Celle-ci est pour sa part chargée d’enquêter à Edimbourg sur le meurtre d’un jeune saoudien menant grand train, retrouvé poignardé dans son Aston Martin. Les pistes sont nombreuses : attaque raciste alors que le Brexit attise les sentiments nationalistes ; règlement de comptes sur fond de projets fonciers et immobiliers impliquant un ancien député écossais reconverti dans les affaires ; jalousies au sein de la jeunesse dorée…
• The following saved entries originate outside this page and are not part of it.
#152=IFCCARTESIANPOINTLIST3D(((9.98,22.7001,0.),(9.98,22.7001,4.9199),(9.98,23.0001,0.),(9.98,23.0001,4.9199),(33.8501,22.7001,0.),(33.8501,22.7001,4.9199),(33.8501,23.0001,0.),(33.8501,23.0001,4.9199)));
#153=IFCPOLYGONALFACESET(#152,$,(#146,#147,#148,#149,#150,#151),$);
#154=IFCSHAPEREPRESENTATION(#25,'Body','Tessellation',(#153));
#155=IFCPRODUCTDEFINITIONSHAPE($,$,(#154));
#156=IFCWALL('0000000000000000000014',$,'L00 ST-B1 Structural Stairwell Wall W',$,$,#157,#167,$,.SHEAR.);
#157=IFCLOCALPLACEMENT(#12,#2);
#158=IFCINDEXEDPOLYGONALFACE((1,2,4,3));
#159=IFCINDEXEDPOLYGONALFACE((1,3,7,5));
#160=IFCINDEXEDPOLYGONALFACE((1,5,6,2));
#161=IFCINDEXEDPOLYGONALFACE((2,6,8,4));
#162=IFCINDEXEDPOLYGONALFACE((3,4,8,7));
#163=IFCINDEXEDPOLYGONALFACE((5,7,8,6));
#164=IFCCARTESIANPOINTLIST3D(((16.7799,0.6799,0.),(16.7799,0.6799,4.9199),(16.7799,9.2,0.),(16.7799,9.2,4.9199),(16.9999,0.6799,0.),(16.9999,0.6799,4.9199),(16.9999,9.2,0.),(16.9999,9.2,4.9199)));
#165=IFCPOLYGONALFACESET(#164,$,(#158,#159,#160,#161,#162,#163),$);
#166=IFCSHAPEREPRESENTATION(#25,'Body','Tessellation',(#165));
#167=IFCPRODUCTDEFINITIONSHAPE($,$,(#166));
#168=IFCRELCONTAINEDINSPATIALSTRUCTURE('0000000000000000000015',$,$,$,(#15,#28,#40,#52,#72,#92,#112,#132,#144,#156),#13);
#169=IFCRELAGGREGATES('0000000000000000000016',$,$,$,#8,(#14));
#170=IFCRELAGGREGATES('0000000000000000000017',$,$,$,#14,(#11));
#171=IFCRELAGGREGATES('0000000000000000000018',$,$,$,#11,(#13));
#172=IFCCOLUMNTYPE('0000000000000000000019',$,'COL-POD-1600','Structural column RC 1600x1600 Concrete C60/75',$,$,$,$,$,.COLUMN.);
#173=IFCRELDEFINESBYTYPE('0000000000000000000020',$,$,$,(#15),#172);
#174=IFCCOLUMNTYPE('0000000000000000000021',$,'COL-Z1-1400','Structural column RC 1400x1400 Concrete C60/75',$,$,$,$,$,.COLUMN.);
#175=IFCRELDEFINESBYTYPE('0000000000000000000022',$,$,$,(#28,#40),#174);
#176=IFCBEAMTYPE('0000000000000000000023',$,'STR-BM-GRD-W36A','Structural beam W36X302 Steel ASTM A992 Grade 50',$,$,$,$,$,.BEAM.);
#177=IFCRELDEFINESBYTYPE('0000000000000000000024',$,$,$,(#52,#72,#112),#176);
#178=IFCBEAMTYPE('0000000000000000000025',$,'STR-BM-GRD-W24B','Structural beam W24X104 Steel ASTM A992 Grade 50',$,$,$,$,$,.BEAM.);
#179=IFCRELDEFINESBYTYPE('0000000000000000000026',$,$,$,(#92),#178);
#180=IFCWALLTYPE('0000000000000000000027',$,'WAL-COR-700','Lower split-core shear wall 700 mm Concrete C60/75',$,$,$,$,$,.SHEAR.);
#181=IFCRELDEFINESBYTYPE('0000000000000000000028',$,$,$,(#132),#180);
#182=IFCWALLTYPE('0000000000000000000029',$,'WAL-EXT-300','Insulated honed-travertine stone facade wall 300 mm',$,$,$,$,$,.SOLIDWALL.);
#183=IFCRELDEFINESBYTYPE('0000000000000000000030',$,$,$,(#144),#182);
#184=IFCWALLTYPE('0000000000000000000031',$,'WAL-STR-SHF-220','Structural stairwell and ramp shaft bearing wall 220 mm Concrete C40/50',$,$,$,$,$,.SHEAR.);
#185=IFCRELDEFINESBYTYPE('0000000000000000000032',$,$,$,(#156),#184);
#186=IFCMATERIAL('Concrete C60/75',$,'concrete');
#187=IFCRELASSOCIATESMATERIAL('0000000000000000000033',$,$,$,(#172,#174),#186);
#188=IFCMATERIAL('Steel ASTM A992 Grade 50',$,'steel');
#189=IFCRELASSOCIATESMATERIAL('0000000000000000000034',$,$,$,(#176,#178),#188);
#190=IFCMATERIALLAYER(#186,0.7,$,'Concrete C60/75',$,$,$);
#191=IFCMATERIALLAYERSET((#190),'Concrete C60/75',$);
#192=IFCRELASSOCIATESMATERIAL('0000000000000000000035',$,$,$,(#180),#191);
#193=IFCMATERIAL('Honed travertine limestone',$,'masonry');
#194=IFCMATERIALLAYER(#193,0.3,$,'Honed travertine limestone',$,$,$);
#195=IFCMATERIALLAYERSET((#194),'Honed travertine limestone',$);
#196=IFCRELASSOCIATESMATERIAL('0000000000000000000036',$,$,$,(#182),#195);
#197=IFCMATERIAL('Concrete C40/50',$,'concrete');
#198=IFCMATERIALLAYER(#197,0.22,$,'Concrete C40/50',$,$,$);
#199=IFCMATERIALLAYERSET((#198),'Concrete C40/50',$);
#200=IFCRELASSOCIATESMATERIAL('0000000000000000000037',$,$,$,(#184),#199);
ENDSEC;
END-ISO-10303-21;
En arpentant les landes du nord battues par les vents, Rebus va découvrir quelques personnages ambigus, des anciens prisonniers allemands restés sur place à la fin de la guerre, mais aussi les membres d’une communauté New-Age dont le chef, Jess Hawkins, a eu une aventure avec Samantha. Ce qui la place au rang de principale suspecte quand le corps de Keith est découvert dans un bâtiment de l’ancien camp. Ici aussi, les pistes mènent à des projets de développement, à des désirs de vengeances après de nombreuses années et à de possibles crimes passionnels. Quant à savoir si les deux meurtres ne seraient pas liés par des projets d’investissements… Surtout quand Big Ger, le meilleur ennemi de Rebus, cette fois face à l’inspecteur Clarke, s’en mêle alors que son influence et son pouvoir se fissurent face à la concurrence. Du coup, voilà Rebus et Clarke à nouveau amenés à coopérer à distance.
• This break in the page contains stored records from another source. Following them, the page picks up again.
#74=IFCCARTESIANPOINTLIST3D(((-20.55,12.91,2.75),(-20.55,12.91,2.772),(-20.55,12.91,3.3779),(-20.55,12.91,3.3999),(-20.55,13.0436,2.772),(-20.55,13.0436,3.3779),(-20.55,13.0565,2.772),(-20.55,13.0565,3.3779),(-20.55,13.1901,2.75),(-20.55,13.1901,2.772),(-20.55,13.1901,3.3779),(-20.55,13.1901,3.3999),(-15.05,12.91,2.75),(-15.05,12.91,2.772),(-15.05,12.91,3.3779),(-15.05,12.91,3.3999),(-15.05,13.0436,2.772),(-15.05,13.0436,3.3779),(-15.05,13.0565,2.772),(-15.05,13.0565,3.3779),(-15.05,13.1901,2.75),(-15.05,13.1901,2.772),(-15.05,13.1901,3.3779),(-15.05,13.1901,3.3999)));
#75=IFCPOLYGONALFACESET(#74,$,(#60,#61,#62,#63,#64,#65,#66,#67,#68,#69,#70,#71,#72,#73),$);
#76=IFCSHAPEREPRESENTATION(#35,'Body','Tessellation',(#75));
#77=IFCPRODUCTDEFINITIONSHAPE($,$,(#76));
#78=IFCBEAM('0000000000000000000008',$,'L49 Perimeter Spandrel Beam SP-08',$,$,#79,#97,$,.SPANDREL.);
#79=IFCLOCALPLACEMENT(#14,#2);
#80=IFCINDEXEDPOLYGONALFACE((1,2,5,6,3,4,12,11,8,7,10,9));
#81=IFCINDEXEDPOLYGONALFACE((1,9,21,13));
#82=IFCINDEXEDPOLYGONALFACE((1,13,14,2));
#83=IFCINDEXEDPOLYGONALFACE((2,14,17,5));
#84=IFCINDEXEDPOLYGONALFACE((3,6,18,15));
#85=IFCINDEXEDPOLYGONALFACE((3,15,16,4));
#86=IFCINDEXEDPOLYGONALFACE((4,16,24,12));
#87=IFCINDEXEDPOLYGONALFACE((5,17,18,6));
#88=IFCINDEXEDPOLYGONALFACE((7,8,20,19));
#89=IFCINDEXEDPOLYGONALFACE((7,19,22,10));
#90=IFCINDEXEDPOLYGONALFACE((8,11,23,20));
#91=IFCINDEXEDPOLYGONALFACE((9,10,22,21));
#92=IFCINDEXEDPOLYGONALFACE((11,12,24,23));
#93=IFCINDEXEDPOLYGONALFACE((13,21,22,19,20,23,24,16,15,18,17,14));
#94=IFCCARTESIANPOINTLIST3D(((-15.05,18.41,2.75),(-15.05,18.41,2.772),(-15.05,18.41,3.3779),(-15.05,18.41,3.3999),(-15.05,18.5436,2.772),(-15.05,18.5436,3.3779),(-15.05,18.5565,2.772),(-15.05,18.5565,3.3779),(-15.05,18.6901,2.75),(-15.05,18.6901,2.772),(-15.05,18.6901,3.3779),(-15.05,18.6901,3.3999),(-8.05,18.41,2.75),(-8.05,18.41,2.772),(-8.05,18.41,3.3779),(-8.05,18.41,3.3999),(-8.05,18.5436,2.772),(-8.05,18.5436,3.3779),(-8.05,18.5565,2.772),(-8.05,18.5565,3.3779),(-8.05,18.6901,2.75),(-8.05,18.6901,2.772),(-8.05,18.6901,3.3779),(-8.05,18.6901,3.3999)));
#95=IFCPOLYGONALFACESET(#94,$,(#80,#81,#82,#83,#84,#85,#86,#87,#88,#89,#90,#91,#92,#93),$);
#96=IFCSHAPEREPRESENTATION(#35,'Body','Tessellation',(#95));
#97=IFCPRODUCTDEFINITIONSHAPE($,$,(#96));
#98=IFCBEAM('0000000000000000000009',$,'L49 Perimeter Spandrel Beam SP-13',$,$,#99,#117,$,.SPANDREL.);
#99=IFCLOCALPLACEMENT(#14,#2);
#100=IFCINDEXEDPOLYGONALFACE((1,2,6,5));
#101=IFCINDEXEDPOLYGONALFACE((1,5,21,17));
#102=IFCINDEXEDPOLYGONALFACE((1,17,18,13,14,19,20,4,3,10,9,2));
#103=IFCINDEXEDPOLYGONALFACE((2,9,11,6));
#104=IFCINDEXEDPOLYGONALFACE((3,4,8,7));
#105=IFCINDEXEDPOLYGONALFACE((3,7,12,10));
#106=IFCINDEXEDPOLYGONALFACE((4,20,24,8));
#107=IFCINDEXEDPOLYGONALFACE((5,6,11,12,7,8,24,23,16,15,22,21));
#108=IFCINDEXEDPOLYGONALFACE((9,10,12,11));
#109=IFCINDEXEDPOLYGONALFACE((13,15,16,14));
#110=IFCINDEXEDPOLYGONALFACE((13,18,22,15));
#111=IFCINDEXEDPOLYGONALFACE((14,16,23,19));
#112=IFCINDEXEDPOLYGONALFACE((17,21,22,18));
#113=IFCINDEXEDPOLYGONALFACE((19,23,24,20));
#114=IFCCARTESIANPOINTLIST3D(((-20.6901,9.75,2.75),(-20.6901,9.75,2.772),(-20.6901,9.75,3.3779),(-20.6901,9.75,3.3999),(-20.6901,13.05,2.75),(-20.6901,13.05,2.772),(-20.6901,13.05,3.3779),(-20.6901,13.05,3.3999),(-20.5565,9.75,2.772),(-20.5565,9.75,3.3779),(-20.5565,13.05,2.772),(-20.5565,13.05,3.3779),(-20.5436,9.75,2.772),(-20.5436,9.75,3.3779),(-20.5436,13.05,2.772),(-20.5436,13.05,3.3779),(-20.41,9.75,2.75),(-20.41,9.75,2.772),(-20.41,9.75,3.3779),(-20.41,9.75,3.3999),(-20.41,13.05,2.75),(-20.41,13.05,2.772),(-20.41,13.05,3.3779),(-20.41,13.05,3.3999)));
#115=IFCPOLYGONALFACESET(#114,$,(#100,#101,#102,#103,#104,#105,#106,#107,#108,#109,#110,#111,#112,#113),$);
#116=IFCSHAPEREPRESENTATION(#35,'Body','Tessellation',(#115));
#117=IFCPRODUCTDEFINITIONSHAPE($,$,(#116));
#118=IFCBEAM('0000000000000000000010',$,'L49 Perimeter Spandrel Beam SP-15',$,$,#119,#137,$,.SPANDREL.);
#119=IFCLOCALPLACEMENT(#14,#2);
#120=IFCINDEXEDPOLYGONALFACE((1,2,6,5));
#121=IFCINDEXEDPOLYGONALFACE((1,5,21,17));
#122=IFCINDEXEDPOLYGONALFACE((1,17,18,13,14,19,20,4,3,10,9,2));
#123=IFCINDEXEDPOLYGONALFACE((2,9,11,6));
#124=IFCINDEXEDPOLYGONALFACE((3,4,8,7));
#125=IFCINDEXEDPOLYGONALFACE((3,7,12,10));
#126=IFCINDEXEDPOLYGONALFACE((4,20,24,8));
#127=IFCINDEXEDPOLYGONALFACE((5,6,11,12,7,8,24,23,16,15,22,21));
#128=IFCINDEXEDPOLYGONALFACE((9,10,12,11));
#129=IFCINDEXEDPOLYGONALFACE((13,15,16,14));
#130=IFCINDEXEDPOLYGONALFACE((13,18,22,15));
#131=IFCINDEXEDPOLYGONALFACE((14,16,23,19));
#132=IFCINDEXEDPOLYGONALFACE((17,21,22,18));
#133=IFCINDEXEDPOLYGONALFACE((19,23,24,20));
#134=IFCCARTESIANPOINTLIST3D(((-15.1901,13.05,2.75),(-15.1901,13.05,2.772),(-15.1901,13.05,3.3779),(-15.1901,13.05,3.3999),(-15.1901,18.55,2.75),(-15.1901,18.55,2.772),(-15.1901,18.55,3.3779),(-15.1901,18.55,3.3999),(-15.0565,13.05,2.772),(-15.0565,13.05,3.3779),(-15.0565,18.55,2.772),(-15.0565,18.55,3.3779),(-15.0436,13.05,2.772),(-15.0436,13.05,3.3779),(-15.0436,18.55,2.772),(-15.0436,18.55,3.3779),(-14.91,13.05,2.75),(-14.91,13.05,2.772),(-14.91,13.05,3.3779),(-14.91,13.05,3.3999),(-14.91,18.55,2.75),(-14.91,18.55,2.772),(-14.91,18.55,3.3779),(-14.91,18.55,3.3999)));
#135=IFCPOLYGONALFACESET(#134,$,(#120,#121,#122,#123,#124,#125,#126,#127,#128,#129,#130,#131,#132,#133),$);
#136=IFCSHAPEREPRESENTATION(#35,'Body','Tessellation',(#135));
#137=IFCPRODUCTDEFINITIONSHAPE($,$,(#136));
Une fois de plus, dans cette vingt-troisième aventure de John Rebus, Ian Rankin associe intimement plusieurs affaires : une enquête sur des financements immobiliers plus ou moins transparents et réguliers et un crime qui pourrait relever tout simplement du droit commun. Si Siobhan Clarke et Malcolm Fox peuvent bénéficier de l’aide scientifique et technique de leurs services, John Rebus lui, doit compter sur ses propres ressources face à des policiers locaux qui n’apprécient pas son intrusion. Certes le corps a vieilli et les excès alcooliques et tabagiques sont loin, mais l’inspecteur n’a rien perdu de son intuition ni de sa détermination. Alors, loin de son terrain de prédilection et de ses connections, il privilégie le travail de terrain, flaire l'atmosphère – en ce sens il est proche de Maigret – et parle avec toutes et tous, les clients du pub local comme les membres de la communauté de Jess.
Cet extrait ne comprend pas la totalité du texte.